I bind the two, I obtain:
Date A1 A2 B linetype
1: 2020-12-01 3 1 3 count
2: 2020-12-07 0 1 2 count
3: 2020-12-01 3800 1200 4200 value
4: 2020-12-07 0 1600 3200 value
I then calculate A
and the total:
df2[,tot := rowSums(.SD),.SDcols = c("A1","A2","B")]
df2[,A := A1+A2]
I then calculate the percentage (_pc
) and Excl variables (that I names _exc
for simplicity), using lapply and a vector of the column I want to transform. I use fifelse
to avoid dividing by 0:
cols <- c("A","A1","A2","B")
df2[,paste0(cols,"_pc") := lapply(.SD,function(x) round(x/tot*100) ),.SDcols = cols]
cols <- c("A1","A2")
df2[,paste0(cols,"_exc") := lapply(.SD,function(x) round(x/(A1+A2)*100) ),.SDcols = cols]

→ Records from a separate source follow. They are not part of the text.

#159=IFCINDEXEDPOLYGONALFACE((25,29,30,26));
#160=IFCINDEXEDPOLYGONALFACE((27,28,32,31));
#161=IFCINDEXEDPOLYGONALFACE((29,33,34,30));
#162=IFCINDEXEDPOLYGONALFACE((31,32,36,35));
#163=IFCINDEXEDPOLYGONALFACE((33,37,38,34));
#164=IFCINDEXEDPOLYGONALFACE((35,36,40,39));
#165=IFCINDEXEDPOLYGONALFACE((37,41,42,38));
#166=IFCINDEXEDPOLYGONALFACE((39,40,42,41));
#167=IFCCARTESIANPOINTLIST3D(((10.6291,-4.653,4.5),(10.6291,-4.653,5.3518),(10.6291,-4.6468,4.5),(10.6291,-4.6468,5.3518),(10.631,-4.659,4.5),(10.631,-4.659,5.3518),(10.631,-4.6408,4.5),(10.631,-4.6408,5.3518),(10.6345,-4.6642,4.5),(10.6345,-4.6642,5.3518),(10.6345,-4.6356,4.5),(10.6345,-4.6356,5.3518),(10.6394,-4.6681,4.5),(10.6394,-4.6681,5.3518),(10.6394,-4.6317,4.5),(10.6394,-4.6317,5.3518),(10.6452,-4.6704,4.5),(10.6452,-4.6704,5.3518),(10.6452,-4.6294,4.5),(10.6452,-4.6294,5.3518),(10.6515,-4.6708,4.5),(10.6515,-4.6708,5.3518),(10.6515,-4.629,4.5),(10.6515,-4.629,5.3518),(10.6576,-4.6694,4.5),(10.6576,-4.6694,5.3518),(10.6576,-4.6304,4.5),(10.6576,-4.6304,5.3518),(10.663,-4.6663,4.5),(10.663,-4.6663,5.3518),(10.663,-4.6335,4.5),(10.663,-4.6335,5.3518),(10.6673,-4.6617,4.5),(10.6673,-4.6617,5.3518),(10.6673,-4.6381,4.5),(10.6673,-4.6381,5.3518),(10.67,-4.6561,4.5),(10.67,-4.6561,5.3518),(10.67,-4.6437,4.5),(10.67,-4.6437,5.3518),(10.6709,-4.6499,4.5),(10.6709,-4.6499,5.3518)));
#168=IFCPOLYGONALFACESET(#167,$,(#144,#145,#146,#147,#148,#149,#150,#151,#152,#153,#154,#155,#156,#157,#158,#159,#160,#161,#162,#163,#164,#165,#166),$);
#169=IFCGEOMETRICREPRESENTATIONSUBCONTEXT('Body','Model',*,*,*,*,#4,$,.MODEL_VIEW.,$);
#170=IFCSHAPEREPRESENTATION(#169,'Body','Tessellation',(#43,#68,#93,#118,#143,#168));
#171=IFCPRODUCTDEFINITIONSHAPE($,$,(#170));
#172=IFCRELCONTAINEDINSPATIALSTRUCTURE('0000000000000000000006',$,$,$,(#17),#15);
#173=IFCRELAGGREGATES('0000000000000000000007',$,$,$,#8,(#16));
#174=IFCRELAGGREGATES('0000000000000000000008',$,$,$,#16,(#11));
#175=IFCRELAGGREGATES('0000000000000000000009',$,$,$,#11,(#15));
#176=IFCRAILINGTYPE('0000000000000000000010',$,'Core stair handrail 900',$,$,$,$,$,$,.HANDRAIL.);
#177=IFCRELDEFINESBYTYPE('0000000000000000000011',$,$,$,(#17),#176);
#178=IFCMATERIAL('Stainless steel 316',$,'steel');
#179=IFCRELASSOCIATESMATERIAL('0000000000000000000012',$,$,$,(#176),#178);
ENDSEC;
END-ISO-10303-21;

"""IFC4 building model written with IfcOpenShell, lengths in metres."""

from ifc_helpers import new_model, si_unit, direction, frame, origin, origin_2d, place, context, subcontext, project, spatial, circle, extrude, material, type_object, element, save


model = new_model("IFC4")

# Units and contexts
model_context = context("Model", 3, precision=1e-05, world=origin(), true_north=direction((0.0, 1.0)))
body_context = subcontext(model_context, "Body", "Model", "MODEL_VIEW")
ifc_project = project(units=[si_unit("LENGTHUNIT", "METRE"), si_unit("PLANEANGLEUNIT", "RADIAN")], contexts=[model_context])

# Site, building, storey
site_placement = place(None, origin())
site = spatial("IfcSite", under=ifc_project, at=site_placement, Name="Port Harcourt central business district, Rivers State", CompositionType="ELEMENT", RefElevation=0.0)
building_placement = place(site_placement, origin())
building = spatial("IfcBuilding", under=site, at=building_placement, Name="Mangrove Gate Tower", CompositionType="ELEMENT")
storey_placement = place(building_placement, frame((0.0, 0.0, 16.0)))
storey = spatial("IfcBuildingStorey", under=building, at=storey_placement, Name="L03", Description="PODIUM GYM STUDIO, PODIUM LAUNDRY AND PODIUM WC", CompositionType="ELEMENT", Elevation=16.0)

Date A1 A2 B linetype tot A A_pc A1_pc A2_pc B_pc A1_exc A2_exc
1: 2020-12-01 3 1 3 count 7 4 57 43 14 43 75 25
2: 2020-12-01 3800 1200 4200 value 9200 5000 54 41 13 46 76 24
3: 2020-12-07 0 1 2 count 3 1 33 0 33 67 0 100
4: 2020-12-07 0 1600 3200 value 4800 1600 33 0 33 67 0 100
I then add the missing dates, by merging with all combination of linetype
and Date
and keeping all rows. I use the CJ
function to create a data.table
with all combinations of the two variables:
CJ(Date = seq(min(dt$Date),max(dt$Date),1),linetype = c("count","value"))
Date linetype
1: 2020-12-01 count
2: 2020-12-01 value
3: 2020-12-02 count
4: 2020-12-02 value
5: 2020-12-03 count
6: 2020-12-03 value
7: 2020-12-04 count
8: 2020-12-04 value
9: 2020-12-05 count
10: 2020-12-05 value
11: 2020-12-06 count
12: 2020-12-06 value
13: 2020-12-07 count
14: 2020-12-07 value
And then replace missing values with 0 and supress the linetype
variable.
You can then reorder the columns with setcolorder
, and use kabbleExtra
(see here) to produce your html output.
You can do the same with dplyr
, using pivot_wider
to transform to wide, mutate_all
instead of the lapply(.SD,...)
to do your calculations, expand.grid
instead of CJ
to generate the table of missing dates.